Yes but if you have a symbol for every possible fractal, it defeats the purpose. The point was to use time as a memory resource. This also works in reverse with caching and other methods, you can use memory as if it were time. Both, however, only work up to a point.

Yes, but if your compressed data contains both a 3-D model and a stream of outlier pixels (to be applied as delta to the result of rendering the model), this is still going to be smaller than if you didn't have a 3-D model and just supplied the video as a pixel stream.

Mind you, if what you want is machine vision, I think in practice you will do better to work on machine vision directly than on video compression. But the compression approach is valid as a matter of mathematical principle.

Right - the delta correction has lower entropy than the raw pixel stream. Of course, you have to use a good 3-D model!

Mind you, if what you want is machine vision, I think in practice you will do better to work on machine vision directly than on video compression.

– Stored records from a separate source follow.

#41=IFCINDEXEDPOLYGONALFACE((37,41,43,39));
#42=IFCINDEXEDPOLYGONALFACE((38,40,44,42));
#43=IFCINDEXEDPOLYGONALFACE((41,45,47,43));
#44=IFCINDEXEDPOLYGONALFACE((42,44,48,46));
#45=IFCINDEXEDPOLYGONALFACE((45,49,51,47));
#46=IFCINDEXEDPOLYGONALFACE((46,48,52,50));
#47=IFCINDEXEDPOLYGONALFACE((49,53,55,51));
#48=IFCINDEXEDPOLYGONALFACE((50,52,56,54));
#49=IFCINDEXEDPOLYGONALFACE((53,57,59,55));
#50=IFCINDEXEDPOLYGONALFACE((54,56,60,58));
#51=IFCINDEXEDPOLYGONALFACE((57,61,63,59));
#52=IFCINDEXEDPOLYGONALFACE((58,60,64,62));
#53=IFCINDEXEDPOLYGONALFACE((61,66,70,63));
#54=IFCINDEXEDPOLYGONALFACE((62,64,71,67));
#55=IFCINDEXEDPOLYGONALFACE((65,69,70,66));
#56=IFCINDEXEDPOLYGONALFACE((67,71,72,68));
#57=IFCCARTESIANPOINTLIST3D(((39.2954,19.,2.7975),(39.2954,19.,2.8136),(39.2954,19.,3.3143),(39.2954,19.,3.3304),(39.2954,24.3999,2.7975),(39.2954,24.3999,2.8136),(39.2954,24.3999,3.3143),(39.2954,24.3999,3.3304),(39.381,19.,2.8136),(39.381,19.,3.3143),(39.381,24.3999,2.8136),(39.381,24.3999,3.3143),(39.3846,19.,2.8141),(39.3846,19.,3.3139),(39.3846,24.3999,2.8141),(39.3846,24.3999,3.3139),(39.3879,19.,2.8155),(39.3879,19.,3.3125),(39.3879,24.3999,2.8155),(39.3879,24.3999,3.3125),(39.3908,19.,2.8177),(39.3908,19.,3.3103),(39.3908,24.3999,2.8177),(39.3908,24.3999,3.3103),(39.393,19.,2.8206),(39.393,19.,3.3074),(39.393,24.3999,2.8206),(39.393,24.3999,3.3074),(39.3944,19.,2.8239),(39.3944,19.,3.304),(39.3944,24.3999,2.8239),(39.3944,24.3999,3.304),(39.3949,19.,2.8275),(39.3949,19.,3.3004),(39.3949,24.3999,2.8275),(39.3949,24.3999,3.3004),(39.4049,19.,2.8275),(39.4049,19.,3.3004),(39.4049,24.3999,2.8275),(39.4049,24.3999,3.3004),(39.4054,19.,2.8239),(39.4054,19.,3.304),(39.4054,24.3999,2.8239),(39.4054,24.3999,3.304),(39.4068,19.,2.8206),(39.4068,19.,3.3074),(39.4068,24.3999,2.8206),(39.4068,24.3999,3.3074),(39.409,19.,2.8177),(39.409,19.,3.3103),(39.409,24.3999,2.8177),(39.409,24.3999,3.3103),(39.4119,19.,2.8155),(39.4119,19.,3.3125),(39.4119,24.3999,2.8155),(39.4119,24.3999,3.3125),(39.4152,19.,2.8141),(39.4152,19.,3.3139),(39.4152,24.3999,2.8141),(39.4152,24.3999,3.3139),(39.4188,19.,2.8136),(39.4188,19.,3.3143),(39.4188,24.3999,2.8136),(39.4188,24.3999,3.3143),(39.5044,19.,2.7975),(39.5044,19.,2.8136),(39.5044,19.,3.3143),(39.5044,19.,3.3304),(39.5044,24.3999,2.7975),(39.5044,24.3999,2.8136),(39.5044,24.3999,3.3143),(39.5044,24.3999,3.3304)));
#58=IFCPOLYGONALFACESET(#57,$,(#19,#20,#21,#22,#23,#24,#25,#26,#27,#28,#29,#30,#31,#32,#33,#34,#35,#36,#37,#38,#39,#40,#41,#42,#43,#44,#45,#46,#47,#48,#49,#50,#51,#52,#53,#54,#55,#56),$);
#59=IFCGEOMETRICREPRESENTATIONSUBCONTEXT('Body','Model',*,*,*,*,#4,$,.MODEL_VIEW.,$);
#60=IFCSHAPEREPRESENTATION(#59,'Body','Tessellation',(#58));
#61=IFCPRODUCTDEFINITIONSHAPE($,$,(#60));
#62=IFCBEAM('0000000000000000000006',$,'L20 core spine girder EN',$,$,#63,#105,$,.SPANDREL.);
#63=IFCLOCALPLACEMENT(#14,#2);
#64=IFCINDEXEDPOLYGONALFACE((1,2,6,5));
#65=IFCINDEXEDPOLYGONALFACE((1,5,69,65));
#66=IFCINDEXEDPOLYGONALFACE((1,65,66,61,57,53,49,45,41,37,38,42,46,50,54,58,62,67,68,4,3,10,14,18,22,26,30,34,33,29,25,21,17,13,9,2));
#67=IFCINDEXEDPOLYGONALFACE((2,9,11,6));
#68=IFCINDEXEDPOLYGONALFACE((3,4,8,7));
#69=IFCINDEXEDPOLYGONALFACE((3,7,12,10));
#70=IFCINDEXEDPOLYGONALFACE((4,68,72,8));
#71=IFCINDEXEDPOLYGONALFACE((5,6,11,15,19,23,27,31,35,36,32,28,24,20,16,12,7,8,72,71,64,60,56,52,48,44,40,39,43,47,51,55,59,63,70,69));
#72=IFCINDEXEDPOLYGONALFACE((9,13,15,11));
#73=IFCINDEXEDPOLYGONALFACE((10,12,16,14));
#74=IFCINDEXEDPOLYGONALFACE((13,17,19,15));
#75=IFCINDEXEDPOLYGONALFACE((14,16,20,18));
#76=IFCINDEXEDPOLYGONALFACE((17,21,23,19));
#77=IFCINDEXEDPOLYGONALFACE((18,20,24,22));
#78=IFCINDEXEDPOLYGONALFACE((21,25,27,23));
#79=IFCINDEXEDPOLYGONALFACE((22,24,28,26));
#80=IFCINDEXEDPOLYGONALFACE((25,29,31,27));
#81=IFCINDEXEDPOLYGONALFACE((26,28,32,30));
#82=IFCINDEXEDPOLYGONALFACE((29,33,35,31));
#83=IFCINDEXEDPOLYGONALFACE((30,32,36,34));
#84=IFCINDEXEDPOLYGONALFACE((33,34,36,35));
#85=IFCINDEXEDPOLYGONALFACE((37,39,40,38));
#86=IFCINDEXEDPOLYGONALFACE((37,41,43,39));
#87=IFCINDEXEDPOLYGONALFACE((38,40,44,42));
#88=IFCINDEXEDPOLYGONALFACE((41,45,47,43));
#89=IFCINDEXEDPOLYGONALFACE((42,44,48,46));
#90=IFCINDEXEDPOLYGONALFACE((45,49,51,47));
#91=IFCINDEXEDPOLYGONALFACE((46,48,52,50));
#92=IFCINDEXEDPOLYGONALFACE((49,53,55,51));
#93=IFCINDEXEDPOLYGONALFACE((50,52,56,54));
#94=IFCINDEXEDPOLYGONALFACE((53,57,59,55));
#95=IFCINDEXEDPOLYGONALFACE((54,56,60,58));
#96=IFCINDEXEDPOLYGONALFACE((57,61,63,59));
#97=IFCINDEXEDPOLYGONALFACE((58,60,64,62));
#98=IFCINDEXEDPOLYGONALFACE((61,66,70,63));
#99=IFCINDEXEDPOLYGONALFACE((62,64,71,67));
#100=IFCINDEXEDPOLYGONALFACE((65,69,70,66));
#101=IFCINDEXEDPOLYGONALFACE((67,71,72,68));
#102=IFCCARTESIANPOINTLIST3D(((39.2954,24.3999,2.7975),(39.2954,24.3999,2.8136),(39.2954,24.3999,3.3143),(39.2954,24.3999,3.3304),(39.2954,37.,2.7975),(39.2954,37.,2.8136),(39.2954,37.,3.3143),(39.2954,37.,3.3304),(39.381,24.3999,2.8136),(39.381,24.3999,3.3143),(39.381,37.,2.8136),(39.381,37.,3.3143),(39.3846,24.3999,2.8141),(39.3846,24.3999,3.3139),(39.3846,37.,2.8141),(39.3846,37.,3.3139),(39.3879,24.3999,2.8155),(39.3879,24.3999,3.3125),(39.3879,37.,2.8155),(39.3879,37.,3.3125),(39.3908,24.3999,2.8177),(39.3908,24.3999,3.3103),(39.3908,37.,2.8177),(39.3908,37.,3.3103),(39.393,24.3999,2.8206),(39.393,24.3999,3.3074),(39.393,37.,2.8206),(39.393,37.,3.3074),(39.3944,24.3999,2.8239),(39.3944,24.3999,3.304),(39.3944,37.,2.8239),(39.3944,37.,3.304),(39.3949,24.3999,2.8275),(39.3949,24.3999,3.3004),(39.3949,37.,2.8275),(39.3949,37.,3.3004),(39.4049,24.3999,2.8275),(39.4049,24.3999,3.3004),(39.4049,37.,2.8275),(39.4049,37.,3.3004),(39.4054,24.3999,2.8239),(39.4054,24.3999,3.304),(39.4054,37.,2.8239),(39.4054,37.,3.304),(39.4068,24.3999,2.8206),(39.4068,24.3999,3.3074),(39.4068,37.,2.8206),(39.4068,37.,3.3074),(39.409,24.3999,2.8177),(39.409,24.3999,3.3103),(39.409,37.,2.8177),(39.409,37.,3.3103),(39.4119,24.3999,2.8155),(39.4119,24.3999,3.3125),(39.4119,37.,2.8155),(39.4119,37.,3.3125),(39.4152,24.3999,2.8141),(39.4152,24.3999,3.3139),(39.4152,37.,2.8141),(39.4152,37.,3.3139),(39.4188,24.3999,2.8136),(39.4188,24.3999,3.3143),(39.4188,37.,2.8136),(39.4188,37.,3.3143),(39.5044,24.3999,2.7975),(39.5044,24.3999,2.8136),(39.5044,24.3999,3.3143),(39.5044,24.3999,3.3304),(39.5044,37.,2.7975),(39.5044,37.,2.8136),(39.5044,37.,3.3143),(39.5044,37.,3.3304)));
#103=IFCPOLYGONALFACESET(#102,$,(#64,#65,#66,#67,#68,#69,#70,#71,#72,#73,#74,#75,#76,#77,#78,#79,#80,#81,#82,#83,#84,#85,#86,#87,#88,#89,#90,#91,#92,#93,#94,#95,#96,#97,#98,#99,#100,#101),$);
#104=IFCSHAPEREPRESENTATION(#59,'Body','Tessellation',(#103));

Are you familiar with the field of machine vision? If not, two quick points: 1) the evaluation metrics it employs are truly terrible. 2) Almost all computer vision tasks can be reformulated as specialized image compression tricks (e.g. the stereo correspondence problem can be reformulated as a way of compressing the second image in a stereo pair by predicting the pixels using the first image and a disparity function).

I'll admit I'm not particularly familiar with machine vision. I was extrapolating from other areas such as natural language processing, where trying to formulate problems in terms of compression isn't particularly helpful, but if an expert on machine vision says it is helpful in that field, fair enough.

natural language processing, where trying to formulate problems in terms of compression isn't particularly helpful

Why do you think that? Statistical natural language processing has been very successful, both for recognition and translation of text, and for speech recognition.

Statistical natural language processing yes, but that's not the same thing as text compression (again, there is a mathematical sense in which one could consider them related in principle, but doing text compression and doing natural language processing were still separate activities last I heard).